What was the feul level when it failed?? I have a 2003 that when the tank gets lower than about 1/4 it doesn't like to start. Next time it fails, check out the level and if it's kinda low,add some fuel.
scott

Las Vegas, NV

#39 Mar 22, 2011
okay ive got the 1999 chevy sub 5.7 liter lt i just replaced the fuel pump,at 212,000.miles after driving it while the pump was going out for 5 months. found one online for 50 dollars in cluded in the price was shipping !! difficulty level my wife helped me ... Easy to do.

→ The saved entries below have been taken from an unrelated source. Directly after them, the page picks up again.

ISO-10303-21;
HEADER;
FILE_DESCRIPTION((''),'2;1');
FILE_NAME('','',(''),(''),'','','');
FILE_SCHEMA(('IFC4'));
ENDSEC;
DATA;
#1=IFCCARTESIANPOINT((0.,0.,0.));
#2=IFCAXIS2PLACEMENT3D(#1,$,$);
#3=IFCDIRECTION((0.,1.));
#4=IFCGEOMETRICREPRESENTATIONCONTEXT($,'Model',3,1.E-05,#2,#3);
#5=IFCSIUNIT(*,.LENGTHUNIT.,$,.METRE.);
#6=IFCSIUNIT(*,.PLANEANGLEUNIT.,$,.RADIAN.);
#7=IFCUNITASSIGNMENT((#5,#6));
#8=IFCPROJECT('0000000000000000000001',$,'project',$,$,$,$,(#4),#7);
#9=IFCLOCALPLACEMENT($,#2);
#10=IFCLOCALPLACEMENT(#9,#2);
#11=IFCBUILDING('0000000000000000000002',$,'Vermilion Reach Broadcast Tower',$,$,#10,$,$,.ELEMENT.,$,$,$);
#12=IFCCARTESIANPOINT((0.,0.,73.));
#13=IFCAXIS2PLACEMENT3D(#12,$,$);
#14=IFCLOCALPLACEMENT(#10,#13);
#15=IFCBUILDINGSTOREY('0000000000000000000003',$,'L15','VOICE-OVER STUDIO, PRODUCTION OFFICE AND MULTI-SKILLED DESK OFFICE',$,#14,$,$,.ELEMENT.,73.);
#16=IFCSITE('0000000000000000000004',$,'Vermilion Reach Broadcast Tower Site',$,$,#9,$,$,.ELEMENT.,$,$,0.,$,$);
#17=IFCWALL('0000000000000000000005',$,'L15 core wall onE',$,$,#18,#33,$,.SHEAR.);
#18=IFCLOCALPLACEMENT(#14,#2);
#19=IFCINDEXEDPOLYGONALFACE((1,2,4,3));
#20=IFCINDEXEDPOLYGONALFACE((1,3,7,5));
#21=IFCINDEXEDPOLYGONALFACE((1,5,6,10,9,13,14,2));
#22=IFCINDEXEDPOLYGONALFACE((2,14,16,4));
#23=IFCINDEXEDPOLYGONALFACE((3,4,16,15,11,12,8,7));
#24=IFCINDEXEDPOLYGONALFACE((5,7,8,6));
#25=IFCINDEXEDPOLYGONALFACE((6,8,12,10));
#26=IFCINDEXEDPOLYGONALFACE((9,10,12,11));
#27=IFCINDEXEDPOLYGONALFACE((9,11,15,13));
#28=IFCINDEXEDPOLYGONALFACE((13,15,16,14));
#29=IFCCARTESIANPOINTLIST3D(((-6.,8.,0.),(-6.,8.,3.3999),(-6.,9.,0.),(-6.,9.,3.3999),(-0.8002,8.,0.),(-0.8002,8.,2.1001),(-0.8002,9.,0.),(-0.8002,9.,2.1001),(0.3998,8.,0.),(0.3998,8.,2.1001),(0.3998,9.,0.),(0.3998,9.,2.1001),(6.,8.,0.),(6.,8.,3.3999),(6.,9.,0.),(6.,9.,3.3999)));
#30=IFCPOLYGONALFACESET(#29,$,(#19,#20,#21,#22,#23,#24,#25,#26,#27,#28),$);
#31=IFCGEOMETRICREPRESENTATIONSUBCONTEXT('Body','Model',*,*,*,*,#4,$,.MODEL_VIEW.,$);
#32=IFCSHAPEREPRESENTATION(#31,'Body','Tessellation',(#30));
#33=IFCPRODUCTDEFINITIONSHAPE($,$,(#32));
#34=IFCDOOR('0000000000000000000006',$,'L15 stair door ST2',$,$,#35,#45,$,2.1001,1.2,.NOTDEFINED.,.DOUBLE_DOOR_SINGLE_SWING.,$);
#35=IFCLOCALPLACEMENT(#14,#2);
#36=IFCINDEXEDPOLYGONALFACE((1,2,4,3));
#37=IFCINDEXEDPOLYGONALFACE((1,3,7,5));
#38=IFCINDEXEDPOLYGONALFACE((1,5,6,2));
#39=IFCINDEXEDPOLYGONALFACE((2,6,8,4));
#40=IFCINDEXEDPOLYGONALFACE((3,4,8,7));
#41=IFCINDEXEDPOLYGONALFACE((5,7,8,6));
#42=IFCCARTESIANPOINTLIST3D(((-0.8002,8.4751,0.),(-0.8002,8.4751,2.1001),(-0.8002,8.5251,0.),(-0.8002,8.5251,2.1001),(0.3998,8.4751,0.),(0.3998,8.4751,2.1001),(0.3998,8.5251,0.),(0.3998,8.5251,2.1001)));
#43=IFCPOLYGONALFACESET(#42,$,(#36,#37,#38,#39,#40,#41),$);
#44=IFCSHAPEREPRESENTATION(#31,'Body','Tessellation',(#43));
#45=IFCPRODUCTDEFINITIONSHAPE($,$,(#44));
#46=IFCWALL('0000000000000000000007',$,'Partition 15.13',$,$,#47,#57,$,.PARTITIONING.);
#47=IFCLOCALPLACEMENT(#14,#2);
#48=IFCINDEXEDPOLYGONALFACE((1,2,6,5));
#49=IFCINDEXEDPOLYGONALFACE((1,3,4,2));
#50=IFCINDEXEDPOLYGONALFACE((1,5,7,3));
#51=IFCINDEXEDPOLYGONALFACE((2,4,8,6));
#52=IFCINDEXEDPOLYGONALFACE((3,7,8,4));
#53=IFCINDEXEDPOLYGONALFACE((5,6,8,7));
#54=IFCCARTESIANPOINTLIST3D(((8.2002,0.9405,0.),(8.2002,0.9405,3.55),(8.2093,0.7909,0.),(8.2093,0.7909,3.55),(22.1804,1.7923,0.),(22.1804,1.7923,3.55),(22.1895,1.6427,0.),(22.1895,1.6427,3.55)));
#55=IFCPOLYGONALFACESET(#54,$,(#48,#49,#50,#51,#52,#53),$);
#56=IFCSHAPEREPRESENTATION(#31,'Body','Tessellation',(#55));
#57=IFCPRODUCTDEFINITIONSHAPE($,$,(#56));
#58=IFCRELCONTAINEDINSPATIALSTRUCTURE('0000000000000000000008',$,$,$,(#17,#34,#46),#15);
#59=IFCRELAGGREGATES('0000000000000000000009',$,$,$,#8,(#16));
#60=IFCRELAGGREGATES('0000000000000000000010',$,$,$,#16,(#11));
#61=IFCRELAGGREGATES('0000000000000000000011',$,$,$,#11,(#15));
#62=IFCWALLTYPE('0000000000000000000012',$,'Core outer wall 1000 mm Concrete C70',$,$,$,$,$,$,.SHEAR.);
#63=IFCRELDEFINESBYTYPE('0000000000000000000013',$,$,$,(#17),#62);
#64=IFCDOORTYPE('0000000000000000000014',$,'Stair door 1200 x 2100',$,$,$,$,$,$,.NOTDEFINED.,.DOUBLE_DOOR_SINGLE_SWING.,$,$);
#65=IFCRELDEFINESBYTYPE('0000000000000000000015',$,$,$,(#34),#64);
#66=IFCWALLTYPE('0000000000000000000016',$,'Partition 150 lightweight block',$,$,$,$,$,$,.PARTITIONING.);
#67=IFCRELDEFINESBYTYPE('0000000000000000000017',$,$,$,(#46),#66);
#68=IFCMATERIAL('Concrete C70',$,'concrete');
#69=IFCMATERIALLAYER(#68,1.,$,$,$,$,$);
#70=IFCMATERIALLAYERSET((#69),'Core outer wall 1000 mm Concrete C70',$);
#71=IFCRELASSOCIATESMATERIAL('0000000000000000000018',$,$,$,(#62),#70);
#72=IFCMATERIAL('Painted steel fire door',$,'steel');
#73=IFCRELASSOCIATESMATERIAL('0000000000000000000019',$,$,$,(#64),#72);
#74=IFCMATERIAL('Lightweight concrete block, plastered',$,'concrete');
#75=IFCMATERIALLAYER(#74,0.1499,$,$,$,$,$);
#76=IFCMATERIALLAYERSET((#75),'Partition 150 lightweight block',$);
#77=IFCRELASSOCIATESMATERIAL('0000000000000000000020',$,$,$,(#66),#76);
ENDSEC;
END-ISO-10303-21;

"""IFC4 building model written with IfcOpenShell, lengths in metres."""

from ifc_helpers import new_model, si_unit, direction, frame, frame_2d, origin, place, context, subcontext, project, spatial, rectangle, extrude, material, layer, layer_set, type_object, element, fill, save


model = new_model("IFC4")

# Units and contexts
model_context = context("Model", 3, precision=1e-05, world=origin(), true_north=direction((0.0, 1.0)))
body_context = subcontext(model_context, "Body", "Model", "MODEL_VIEW")
ifc_project = project(units=[si_unit("LENGTHUNIT", "METRE"), si_unit("PLANEANGLEUNIT", "RADIAN")], contexts=[model_context])

# Site, building, storey
site_placement = place(None, origin())
site = spatial("IfcSite", under=ifc_project, at=site_placement, Name="Vermilion Reach Broadcast Tower Site", CompositionType="ELEMENT", RefElevation=0.0)
building_placement = place(site_placement, origin())
building = spatial("IfcBuilding", under=site, at=building_placement, Name="Vermilion Reach Broadcast Tower", CompositionType="ELEMENT")
storey_placement = place(building_placement, frame((0.0, 0.0, 73.0)))
storey = spatial("IfcBuildingStorey", under=building, at=storey_placement, Name="L15", Description="VOICE-OVER STUDIO, PRODUCTION OFFICE AND MULTI-SKILLED DESK OFFICE", CompositionType="ELEMENT", Elevation=73.0)

# Wall, opening, door
ifc_material_1 = material(Name="Concrete C70", Category="concrete")
ifc_layer_1 = layer(ifc_material_1, 1.0)
ifc_layer_set_1 = layer_set([ifc_layer_1], Name="Core outer wall 1000 mm Concrete C70")
wall_type_1 = type_object("IfcWallType", Name="Core outer wall 1000 mm Concrete C70", PredefinedType="SHEAR", material=ifc_layer_set_1)
wall_1_placement = place(storey_placement, frame((6.0, 8.5, 0.0), z_axis=(0.0, 0.0, 1.0), x_axis=(-1.0, 0.0, 0.0)))
wall_1 = element("IfcWall", 1, at=wall_1_placement, inside=storey, type_object=wall_type_1, Name="L15 core wall onE", PredefinedType="SHEAR", context=body_context, shape_type="SweptSolid", body=[
    extrude(rectangle(XDim=12.0, YDim=1.0, at=frame_2d((6.0, 0.0))), origin(), (0.0, 0.0, 1.0), 3.3999),
])
opening_placement = place(wall_1_placement, frame((5.6001, 0.0, 0.0)))
opening = element("IfcOpeningElement", 2, at=opening_placement, cuts=wall_1, PredefinedType="OPENING", context=body_context, shape_type="SweptSolid", body=[
    extrude(rectangle(XDim=1.2, YDim=2.1001, at=frame_2d((0.6001, 1.05))), frame((0.0, 0.51, 0.0), z_axis=(0.0, -1.0, 0.0), x_axis=(1.0, 0.0, 0.0)), (0.0, 0.0, 1.0), 1.02),
])
ifc_material_2 = material(Name="Painted steel fire door", Category="steel")
door_type = type_object("IfcDoorType", Name="Stair door 1200 x 2100", OperationType="DOUBLE_DOOR_SINGLE_SWING", PredefinedType="NOTDEFINED", material=ifc_material_2)
door_placement = place(opening_placement, origin())
door = element("IfcDoor", 3, at=door_placement, inside=storey, type_object=door_type, Name="L15 stair door ST2", OperationType="DOUBLE_DOOR_SINGLE_SWING", OverallHeight=2.1001, OverallWidth=1.2, PredefinedType="NOTDEFINED", context=body_context, shape_type="SweptSolid", body=[
    extrude(rectangle(XDim=1.2, YDim=2.1001, at=frame_2d((0.6001, 1.05))), frame((0.0, 0.0249, 0.0), z_axis=(0.0, -1.0, 0.0), x_axis=(1.0, 0.0, 0.0)), (0.0, 0.0, 1.0), 0.05),
])
fill(opening, door)

# Wall
ifc_material_3 = material(Name="Lightweight concrete block, plastered", Category="concrete")
ifc_layer_2 = layer(ifc_material_3, 0.1499)
ifc_layer_set_2 = layer_set([ifc_layer_2], Name="Partition 150 lightweight block")
wall_type_2 = type_object("IfcWallType", Name="Partition 150 lightweight block", PredefinedType="PARTITIONING", material=ifc_layer_set_2)
wall_2_placement = place(storey_placement, frame((22.1848, 1.7175, 0.0), z_axis=(0.0, 0.0, 1.0), x_axis=(-0.998149, -0.060817, 0.0)))
element("IfcWall", 4, at=wall_2_placement, inside=storey, type_object=wall_type_2, Name="Partition 15.13", PredefinedType="PARTITIONING", context=body_context, shape_type="SweptSolid", body=[
    extrude(rectangle(XDim=14.0061, YDim=0.1499, at=frame_2d((7.0029, 0.0))), origin(), (0.0, 0.0, 1.0), 3.55),
])

save(model, "model.ifc")
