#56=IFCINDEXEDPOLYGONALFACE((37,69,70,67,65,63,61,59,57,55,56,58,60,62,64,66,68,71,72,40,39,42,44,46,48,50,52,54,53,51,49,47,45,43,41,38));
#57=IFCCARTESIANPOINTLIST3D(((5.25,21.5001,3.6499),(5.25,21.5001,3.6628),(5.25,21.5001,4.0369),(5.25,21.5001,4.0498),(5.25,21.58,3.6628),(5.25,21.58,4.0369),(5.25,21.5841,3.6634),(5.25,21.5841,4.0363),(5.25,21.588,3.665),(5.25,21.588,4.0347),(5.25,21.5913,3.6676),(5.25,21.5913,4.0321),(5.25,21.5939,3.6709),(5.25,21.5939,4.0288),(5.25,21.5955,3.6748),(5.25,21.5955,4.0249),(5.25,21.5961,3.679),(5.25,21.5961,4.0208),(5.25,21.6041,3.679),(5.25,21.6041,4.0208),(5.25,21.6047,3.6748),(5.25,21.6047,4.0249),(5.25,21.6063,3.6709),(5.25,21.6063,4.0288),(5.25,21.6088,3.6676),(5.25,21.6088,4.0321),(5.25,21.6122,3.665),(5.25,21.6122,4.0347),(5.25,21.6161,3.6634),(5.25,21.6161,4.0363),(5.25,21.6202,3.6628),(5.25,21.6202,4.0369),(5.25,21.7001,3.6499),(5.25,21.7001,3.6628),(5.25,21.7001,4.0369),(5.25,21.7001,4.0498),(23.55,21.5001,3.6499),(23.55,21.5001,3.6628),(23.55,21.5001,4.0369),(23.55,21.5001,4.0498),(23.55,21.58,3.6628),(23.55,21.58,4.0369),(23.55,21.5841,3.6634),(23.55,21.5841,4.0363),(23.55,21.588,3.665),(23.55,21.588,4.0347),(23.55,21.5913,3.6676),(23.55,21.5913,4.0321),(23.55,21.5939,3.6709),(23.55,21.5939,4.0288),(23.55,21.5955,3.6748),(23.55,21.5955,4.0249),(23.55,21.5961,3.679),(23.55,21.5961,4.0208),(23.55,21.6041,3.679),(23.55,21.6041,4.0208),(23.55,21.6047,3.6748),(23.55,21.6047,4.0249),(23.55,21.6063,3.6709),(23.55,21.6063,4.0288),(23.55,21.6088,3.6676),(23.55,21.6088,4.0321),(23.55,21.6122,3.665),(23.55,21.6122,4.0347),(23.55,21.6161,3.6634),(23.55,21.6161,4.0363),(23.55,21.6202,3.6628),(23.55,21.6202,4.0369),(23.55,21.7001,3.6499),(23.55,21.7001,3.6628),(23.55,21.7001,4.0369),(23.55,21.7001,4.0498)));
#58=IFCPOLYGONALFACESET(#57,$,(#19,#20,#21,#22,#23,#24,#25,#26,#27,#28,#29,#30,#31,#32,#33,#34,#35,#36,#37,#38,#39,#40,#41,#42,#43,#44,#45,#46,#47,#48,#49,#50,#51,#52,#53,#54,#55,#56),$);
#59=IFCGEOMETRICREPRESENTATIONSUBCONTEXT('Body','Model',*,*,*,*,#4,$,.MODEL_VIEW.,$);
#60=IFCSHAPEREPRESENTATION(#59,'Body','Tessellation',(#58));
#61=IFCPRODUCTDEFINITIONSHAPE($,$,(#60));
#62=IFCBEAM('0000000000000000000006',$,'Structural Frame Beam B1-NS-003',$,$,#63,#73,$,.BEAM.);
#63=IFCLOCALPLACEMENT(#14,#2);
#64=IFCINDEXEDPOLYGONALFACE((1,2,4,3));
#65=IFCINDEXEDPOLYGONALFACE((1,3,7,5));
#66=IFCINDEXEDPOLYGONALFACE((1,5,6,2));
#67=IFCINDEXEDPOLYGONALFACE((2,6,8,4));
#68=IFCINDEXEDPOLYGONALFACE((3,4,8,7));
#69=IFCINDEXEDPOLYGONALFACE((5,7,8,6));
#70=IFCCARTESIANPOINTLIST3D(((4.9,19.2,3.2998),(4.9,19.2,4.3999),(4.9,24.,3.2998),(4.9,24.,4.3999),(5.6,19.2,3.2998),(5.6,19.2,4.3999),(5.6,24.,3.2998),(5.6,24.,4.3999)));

So the whole time this was going on ive got the security light flashing .. Hot r cold its still does this, every so often ill try to start he truck when ever after a drive, long or short, or at its first start of the day .. okay so i hear all the things, fuel pump prime, a clicking in a silver box just under the dash bolted to the steering bracket on the left side..? what is that ? and then ill look up at the dash and the light is blinking!!!! so okay i dont have original keys but i dont think its chipped or works that waya anyhow and i dont have a remote for opening the doors.. now the onlything ive been able to try that i dont get much responce from doing is unpluging , battery, computer, that clicking shiny box, turn the key back wards and wait , well the only thing to do is turn the key off and on some times in 1 min, some times up to 20 mins or 30, it will turn on then, but what can i do for this ???
Justin

Carrollton, GA

#40 Mar 22, 2011
Hello Scott,

This is the bypass unit in your suburban. It is the security feature that is messing with you. I was going to replace my fuel pump since this is what my mechanic said to do but it is definitely electric with the computer system. If you go to this website and follow the instructions there it will help alot. That is where I went and once the security feature does this to me I follow the instructions and works like a charm every time. Just a little annoying and a little time consuming but I am not going to put a new computer and ignition in the vehicle to fix it. Here is the link. Hope it helps you out. http://gmcowners.com/gmc-forum/showthread.php...
Diego

Wantagh, NY

#41 Mar 26, 2011
I tried many things posted above. I change the 2 batteries in the truck. Changed the starter and still had the same problem. My brother works at a shop. They work with alarms so I asked him the question. He said that it could be my after market electric starter or alarm. He came over took the electric starter and the light went away. So did the not starting issue. The problem no I have is that I think the alarm was always on(security Light) it shorted my starter. I replaced the starter but the cable from the batter to the starter is having problems. The security light went away hopefully changing the cable will work. Not sure if the two problems are related or if one caused the other problem. I WILL SOON FIND OUT.